DEJAN-LM is an AI content detection model trained on 20 million sentences, using a combined deep learning and heuristic approach to identify advanced AI text.
AI models are getting so advanced that standard detection tools can no longer keep up. Text from the latest systems easily fools them. To tackle this, we brought AI detection in-house.
We started with our own base model, DEJAN-LM, which is an expert in web articles. We pre-trained it on ten million sentences from top-quality websites, and then fine-tuned it on a twenty-million sentence dataset split evenly between human and AI-generated content.
But even with this advanced setup, the newest OpenAI models managed to fly under the radar. Our deep-learning model struggled to detect content from the elusive GPT-o-four-mini.
To solve this, we went old school. We analyzed our twenty-million sentence dataset to identify and weigh the top one thousand words for both human and AI writing. By combining this simple vocabulary heuristic with our deep-learning model, we saw a massive breakthrough.
The detection confidence for that elusive new GPT model jumped from just around twenty-one percent to over sixty-eight percent. By merging modern deep learning with classic heuristics, we can confidently flag AI-generated content once again.
As models advance, AI content detection tools are struggling to keep up. Text generated by the latest Gemini, GPT and Claude models is fooling even the best of them.
We’ve decided to bring AI content detection back in-house in order to keep up. Each time a new model comes out the classifier needs a fine-tune on that model’s output.
Our base model, DEJAN-LM was pre-trained on a 10,000,000 sentence dataset using masked language modelling (MLM) on top quality content from websites with excellent editorial practices. DEJAN-LM is a web article expert.
The model was fine-tuned for AI content detection on a 20,000,000 sentence dataset, 50% original human content, 50% AI paraphrase or derivative content.

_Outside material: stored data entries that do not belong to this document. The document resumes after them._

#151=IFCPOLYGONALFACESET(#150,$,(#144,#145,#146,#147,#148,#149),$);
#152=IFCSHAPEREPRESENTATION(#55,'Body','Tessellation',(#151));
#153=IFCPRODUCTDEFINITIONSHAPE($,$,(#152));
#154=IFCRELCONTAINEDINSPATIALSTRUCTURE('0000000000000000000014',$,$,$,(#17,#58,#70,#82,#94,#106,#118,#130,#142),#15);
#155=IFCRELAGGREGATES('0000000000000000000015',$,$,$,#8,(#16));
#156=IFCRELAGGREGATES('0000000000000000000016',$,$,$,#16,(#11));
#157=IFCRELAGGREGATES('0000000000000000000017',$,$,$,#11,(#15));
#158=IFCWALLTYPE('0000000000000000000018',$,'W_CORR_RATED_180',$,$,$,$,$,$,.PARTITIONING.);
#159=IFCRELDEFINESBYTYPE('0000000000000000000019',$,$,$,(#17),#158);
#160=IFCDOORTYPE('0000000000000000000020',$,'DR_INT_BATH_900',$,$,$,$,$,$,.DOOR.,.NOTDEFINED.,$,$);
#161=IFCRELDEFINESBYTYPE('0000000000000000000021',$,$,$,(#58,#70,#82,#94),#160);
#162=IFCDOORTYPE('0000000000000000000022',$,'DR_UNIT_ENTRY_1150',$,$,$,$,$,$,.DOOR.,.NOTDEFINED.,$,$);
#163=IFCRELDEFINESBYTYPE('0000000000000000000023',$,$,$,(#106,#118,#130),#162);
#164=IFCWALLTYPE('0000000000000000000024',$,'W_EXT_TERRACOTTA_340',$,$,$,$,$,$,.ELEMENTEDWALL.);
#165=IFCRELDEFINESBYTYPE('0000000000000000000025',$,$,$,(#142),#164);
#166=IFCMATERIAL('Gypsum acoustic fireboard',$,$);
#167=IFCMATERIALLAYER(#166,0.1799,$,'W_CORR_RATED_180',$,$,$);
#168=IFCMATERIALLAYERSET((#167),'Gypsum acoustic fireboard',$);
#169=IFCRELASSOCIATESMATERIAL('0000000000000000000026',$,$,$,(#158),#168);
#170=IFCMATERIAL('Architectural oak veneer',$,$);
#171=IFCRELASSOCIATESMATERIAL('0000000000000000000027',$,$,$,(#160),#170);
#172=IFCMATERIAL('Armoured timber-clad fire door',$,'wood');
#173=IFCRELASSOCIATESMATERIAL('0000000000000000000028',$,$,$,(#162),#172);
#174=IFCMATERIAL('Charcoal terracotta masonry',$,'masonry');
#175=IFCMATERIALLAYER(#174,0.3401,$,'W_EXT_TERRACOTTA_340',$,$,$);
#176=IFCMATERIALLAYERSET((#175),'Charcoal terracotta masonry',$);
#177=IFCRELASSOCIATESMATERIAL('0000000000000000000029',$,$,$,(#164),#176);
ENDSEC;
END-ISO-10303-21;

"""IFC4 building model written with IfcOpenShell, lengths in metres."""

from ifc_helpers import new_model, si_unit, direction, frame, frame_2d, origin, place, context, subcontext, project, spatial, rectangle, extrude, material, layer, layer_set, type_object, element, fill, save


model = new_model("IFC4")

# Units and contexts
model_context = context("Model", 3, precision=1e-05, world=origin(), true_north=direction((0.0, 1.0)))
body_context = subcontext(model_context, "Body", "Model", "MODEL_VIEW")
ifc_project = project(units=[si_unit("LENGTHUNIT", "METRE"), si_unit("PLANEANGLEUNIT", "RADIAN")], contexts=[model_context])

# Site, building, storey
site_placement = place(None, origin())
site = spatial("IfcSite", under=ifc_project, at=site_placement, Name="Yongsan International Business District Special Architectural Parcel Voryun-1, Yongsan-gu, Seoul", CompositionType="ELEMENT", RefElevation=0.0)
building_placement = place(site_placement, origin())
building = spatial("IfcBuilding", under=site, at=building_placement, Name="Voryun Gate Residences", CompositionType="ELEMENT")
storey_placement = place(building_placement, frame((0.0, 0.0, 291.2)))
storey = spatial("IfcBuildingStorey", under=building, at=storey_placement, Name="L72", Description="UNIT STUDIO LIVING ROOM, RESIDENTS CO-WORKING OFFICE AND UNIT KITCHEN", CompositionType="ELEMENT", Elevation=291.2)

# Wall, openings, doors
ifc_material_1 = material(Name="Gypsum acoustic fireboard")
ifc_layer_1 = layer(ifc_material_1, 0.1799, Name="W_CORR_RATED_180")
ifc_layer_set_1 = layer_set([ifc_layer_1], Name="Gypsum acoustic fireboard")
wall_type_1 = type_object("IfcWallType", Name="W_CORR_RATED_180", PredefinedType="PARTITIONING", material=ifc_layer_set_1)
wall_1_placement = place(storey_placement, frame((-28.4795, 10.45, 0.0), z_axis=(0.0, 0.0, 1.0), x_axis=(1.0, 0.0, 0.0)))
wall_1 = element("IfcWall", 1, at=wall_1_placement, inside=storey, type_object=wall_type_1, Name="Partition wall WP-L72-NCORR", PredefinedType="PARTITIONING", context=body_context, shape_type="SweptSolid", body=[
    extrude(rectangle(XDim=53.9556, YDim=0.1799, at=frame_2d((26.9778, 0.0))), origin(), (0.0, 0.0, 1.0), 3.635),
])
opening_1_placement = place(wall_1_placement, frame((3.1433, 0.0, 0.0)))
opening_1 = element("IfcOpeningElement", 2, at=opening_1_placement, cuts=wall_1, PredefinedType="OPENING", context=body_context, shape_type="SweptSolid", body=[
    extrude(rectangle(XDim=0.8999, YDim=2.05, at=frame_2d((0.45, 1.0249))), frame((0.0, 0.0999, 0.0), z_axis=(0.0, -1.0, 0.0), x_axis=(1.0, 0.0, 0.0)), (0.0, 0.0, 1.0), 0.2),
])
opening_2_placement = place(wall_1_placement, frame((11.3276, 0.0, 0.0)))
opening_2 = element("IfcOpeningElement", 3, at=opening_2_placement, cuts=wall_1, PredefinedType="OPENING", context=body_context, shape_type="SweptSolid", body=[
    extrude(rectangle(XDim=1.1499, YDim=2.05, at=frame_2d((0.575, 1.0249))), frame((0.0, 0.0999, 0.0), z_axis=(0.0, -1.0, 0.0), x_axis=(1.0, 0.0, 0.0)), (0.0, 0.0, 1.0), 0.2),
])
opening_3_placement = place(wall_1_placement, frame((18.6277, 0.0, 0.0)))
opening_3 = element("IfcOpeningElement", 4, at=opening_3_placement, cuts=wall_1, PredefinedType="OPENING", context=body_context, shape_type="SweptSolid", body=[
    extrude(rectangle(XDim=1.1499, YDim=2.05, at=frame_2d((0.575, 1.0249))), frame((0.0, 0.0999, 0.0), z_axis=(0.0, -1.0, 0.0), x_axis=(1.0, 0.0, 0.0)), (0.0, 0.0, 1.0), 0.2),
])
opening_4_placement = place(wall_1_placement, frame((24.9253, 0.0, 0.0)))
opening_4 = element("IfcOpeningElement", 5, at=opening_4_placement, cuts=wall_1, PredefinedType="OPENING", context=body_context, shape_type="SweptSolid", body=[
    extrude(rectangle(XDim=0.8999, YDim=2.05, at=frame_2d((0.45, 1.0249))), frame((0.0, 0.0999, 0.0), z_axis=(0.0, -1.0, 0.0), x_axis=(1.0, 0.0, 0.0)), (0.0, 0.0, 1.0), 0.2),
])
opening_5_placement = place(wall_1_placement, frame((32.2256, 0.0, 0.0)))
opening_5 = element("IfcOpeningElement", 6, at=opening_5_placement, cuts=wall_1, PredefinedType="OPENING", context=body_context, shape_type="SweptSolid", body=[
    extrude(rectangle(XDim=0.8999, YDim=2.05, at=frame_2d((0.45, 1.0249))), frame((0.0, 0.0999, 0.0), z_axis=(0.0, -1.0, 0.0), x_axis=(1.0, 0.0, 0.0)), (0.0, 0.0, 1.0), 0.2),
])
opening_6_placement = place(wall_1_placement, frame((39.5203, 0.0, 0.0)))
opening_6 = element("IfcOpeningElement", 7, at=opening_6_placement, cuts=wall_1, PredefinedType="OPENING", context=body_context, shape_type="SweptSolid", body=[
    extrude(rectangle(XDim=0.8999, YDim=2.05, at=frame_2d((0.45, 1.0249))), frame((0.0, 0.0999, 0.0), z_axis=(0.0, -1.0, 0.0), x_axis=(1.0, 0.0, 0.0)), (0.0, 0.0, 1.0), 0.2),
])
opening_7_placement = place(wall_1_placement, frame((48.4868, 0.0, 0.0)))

It’s clear that OpenAI’s latest model flies under the radar and avoids deep-learning based detection so we went old school. The 20,000,000 sentence dataset was processed to define top 1000 words for each class sorted by dataset count. We then normalise their values allowing for non-discriminating words to self-eliminate.

The two lists of top words and their weights were used in a simple ranking algorithm to help our deep learning model where it struggles.

As a result the classification confidence for the elusive GPT-o4-mini went from mere 20.7% all the way to 68.1% which puts it in the “Yes, it’s AI generated!” category.